Исповедь

                Исповедь
                Посвящаю моей бабушке Анне Ивановне
                Мартазовой (Потаповой)

        Утренние заморозки ежедневно инеем белили оставшуюся на луговинах пожухлую и молодую зелёную травку, но днём солнышко прогревало землю, – иней таял. Травяной покров был пригоден для корма домашнего скота, поэтому хозяйки выпускали своих коров и коз в стадо на пастбище. Холодные сентябрьские сумерки спешили раствориться в вечерней мгле.
        Анна – крепкая, энергичная женщина – пришла с работы, подоила корову и выпустила её погулять за сараем, не желая тратить сено, приготовленное для неё и телёнка на зимние холода, рассчитывая, что бурёнка сегодня сама сможет покормиться.
        Анна хлопотала дома по хозяйству, топила печь, готовила еду для семьи на следующий день. За суетой Анна забыла, что корова самостоятельно пасётся на луговине. Вспомнив об этом, она попросила дочь и сына пригнать Зорьку в сарай. Дети взяли прутик и отправились искать корову. Они обошли все лужайки в надежде найти корову, но не нашли. Анна расстроилась, ведь корова в военное голодное время была кормилицей семьи. Молодая женщина, приехавшая на «Октябрьские торфоразработки» в районе Шу- валовских болот в город Горький из деревни, умела ухаживать за домашним скотом и птицей. Она сообразила, что в данной местности можно работать и содержать корову. А с коровушкой голод не страшен.
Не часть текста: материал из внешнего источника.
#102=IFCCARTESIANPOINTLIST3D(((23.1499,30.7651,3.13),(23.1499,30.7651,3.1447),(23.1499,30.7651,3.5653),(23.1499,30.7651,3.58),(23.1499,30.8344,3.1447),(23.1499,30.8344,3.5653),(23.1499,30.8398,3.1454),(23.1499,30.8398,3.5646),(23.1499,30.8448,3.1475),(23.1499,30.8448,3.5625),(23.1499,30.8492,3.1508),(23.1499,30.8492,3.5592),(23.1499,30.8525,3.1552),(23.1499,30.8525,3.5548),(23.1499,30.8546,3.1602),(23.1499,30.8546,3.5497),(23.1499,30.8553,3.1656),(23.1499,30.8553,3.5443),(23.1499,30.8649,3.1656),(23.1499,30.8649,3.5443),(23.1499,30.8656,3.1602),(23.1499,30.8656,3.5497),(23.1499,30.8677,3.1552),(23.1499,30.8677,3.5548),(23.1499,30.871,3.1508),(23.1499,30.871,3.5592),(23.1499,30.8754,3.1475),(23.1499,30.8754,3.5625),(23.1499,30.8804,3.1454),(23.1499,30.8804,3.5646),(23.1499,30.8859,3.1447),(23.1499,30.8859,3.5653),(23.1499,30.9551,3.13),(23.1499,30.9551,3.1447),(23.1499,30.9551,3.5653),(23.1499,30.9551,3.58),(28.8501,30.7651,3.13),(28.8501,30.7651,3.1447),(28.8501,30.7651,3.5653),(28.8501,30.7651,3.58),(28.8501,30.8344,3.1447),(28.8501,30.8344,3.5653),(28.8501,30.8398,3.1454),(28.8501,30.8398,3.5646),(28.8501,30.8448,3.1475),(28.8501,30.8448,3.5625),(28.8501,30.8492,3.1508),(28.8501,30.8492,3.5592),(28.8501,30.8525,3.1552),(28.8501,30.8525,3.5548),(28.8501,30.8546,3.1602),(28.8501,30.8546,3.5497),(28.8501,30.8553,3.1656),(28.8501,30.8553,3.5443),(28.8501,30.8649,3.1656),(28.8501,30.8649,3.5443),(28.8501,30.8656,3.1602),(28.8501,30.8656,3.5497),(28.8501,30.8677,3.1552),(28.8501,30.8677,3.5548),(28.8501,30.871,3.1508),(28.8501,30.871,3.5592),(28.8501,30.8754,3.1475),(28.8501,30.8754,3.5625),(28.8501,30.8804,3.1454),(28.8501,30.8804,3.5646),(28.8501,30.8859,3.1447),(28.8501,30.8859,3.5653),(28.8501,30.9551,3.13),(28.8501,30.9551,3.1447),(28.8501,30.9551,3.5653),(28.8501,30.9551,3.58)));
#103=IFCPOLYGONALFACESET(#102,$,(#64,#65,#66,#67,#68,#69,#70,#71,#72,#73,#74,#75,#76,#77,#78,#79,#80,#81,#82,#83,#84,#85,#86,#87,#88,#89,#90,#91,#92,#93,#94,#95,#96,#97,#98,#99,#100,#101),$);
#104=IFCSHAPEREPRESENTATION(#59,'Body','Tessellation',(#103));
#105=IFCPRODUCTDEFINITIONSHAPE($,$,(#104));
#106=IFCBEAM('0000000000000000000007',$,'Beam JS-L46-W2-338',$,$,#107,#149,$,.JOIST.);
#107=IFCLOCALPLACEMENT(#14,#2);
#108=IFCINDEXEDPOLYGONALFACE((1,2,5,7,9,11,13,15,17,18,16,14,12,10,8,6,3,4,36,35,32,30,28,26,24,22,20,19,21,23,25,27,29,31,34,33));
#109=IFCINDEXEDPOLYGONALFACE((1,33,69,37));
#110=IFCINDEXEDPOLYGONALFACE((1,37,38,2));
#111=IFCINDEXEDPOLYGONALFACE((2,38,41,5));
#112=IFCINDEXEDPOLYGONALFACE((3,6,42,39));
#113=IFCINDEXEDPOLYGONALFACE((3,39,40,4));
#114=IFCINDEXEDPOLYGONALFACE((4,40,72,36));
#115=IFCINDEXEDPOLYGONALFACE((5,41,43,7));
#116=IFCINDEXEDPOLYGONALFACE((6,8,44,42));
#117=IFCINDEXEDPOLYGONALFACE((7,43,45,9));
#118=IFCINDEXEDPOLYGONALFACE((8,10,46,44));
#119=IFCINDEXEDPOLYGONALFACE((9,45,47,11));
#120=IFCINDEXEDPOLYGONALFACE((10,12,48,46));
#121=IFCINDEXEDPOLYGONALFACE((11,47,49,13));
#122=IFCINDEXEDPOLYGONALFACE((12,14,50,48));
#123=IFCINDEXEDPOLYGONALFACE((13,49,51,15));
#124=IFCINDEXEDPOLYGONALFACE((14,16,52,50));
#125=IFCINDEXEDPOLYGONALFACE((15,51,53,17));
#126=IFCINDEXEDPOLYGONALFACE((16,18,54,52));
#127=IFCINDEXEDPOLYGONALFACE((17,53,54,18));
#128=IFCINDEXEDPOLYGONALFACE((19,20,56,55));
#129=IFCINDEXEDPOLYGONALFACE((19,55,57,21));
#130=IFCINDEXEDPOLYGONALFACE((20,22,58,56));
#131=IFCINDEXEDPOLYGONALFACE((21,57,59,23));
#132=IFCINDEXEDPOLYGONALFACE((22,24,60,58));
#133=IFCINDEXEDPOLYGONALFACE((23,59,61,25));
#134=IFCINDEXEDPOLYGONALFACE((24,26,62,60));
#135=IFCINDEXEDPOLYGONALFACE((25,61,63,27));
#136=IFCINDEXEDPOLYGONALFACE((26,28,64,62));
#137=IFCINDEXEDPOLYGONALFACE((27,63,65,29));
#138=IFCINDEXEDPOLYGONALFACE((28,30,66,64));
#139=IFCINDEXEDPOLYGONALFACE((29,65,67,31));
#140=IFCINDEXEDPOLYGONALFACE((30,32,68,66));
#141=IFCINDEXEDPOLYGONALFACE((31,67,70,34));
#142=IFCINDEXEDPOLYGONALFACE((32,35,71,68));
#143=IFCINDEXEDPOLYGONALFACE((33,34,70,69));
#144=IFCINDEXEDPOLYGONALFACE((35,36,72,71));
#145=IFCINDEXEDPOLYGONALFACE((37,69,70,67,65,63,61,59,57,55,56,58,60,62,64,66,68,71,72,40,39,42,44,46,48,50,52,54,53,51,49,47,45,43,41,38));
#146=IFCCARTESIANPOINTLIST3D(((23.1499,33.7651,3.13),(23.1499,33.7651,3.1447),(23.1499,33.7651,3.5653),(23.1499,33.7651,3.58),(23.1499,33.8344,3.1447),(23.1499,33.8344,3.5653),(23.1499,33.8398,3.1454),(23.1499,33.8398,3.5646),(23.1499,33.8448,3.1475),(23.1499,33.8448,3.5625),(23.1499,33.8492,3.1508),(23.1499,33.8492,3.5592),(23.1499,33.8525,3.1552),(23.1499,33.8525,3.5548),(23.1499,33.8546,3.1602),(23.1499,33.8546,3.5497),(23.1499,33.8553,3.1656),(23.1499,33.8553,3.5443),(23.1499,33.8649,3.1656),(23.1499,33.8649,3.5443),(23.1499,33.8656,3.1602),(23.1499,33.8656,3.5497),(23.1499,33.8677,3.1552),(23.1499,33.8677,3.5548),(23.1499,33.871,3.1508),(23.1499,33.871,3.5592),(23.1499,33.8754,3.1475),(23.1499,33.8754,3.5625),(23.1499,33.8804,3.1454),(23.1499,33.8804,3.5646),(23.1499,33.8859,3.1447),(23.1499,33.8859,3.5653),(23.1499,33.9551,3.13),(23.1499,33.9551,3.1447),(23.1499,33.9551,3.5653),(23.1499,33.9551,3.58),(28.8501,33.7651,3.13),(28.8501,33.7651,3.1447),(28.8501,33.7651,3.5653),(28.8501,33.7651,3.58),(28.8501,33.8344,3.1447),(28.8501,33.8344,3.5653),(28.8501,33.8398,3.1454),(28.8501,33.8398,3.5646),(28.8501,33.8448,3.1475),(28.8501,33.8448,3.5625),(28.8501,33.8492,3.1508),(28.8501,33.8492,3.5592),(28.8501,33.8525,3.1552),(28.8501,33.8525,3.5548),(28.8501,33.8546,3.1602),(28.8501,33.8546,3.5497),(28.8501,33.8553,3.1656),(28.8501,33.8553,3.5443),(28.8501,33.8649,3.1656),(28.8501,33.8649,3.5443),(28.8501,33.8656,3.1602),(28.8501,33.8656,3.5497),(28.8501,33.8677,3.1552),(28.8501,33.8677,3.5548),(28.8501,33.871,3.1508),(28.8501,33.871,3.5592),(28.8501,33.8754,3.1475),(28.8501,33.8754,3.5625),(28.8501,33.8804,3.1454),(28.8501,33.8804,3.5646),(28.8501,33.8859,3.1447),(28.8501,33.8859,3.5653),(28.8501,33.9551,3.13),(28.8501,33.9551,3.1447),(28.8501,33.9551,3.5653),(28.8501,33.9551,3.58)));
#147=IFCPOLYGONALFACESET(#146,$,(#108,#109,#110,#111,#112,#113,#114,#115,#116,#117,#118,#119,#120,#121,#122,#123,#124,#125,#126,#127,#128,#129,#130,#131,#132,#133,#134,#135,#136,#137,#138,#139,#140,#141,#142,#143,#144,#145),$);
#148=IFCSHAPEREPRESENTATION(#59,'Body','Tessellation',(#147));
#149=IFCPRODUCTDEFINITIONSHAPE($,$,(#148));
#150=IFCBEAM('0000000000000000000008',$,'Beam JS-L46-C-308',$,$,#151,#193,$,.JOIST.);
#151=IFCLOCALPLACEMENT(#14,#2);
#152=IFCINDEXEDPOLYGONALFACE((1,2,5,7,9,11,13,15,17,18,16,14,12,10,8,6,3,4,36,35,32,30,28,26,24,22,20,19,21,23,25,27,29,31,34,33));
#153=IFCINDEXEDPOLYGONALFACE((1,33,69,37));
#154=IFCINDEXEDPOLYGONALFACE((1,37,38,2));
        - Дети, теперь сидите дома, я сама поищу, может, найду Зорьку, – сказала Анна пятнадцатилетней дочке и одиннадцатилетнему сыну.
        Анна пробежалась по посёлку, покликала корову, но, не найдя её, решила, что бурёнка ушла на болото, туда, где была сочная трава. Солнышко давно село, вечерняя заря почти не проглядывалась, но луна, хотя зловеще улыбалась, всё же освещала дорогу. Анна пошла на болото. Поскольку она работала на торфоразработках, то знала все дороги, тропы, куртины с клюквой, бровки с брусникой и голубикой, а также «гиблые» места болота – топи, куда никто не отваживался ходить. Ноги несли Анну по узким бровкам разработанных торфяных карьеров. Анна шла и выкрикивала: «Зорька! Зорька!». Постепенно женщина дошла до топи, постояла немного и ещё, на всякий случай, позвала корову. Ей показалось, что она услышала крики о помощи. Анна прислушалась, вновь покричала: «Зорька! Зорька!»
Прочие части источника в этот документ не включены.